Thursday Sees GBP/JPY Reach a New Daily Peak Above 188.00
GBP/JPY eased higher on expectations that the BoE would commence rate cuts in August. It is widely anticipated that the BoJ will maintain its stance on interest rates for the foreseeable future. GBP recovery and Yen deflation position the GBP/JPY for its third consecutive week of gains.

The Japanese Yen (JPY) fell to the floorboards as the Pound Sterling (GBP) rose on market confidence that the Bank of England (BoE) is on track to begin cutting interest rates by August, while the Bank of Japan (BoJ) maintains a firmly dovish monetary policy stance for the foreseeable future. The pair's ascent toward all-time highs above 189.00 propelled the GBP/JPY to a new daily high above 188.00.
December inflation in the United Kingdom unexpectedly rose by a single basis point, but GBP bidders continue to be steadfast in their belief that the BoE will initiate the subsequent cycle of rate cuts. As per Reuters' reporting, JP Morgan expects the BoE to reduce reference rates by 75 basis points by the end of 2024, with the initial reduction commencing in August. Previously, JP Morgan anticipated that the initial reduction would occur in November.
Notwithstanding a rise in annual inflation as a whole, investors have observed a surge in price depreciations during the last quarter of 2023. This has influenced markets to anticipate that inflation in the United Kingdom will further diminish to 2% by the conclusion of the year, which is 18 months prior to the BoE's target bound for price growth being reached.
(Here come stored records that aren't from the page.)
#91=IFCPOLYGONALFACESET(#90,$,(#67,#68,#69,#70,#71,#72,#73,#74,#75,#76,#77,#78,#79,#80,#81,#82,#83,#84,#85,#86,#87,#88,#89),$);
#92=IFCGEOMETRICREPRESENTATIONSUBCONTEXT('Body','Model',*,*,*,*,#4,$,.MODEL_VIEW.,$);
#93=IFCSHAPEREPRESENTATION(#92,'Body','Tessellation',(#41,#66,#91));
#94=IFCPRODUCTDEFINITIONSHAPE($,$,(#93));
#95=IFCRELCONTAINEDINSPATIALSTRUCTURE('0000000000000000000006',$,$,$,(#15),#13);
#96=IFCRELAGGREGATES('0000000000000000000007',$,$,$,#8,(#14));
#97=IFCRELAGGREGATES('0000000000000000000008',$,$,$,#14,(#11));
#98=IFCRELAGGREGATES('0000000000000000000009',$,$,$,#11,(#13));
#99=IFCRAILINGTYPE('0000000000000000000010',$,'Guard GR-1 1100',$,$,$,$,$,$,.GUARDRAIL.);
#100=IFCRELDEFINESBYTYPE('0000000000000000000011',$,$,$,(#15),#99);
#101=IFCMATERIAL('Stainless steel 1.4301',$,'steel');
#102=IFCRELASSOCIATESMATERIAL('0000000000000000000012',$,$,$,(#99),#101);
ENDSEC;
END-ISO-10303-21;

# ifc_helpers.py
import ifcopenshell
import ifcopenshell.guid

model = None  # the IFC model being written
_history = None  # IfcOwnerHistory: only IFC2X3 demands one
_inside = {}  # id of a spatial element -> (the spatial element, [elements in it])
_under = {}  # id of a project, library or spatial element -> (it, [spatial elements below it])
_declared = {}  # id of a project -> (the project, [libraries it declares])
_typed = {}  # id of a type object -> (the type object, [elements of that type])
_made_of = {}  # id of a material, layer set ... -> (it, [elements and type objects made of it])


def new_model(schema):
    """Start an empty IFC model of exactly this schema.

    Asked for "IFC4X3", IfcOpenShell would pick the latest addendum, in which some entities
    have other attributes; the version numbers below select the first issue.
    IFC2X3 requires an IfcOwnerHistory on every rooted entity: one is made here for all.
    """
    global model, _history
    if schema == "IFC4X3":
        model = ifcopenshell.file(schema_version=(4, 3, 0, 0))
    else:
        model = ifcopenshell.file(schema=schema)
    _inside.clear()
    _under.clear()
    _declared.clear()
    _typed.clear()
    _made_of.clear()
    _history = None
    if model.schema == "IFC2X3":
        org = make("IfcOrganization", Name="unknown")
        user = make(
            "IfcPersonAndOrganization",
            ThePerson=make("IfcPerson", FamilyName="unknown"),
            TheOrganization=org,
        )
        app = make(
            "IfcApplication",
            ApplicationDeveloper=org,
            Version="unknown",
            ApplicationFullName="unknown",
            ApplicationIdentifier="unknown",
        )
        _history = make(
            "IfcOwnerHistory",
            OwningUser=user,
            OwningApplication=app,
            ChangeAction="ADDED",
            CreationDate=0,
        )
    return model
Until the spring wage growth figures are published, rate observers will refrain from purchasing yen. The Bank of Japan has unmistakably signaled that it will not raise interest rates from negative territory until wage growth accelerates substantially. The Bank of Japan (BoJ) aspires to establish a virtuous cycle in which wage growth accelerates to fuel future inflation. However, failure to achieve this would indicate that price growth will likely continue to decline.
As the Bank of Japan (BoJ) continues to base rate hikes on a positive trajectory in wage growth, investors are reluctant to bid up the Yen.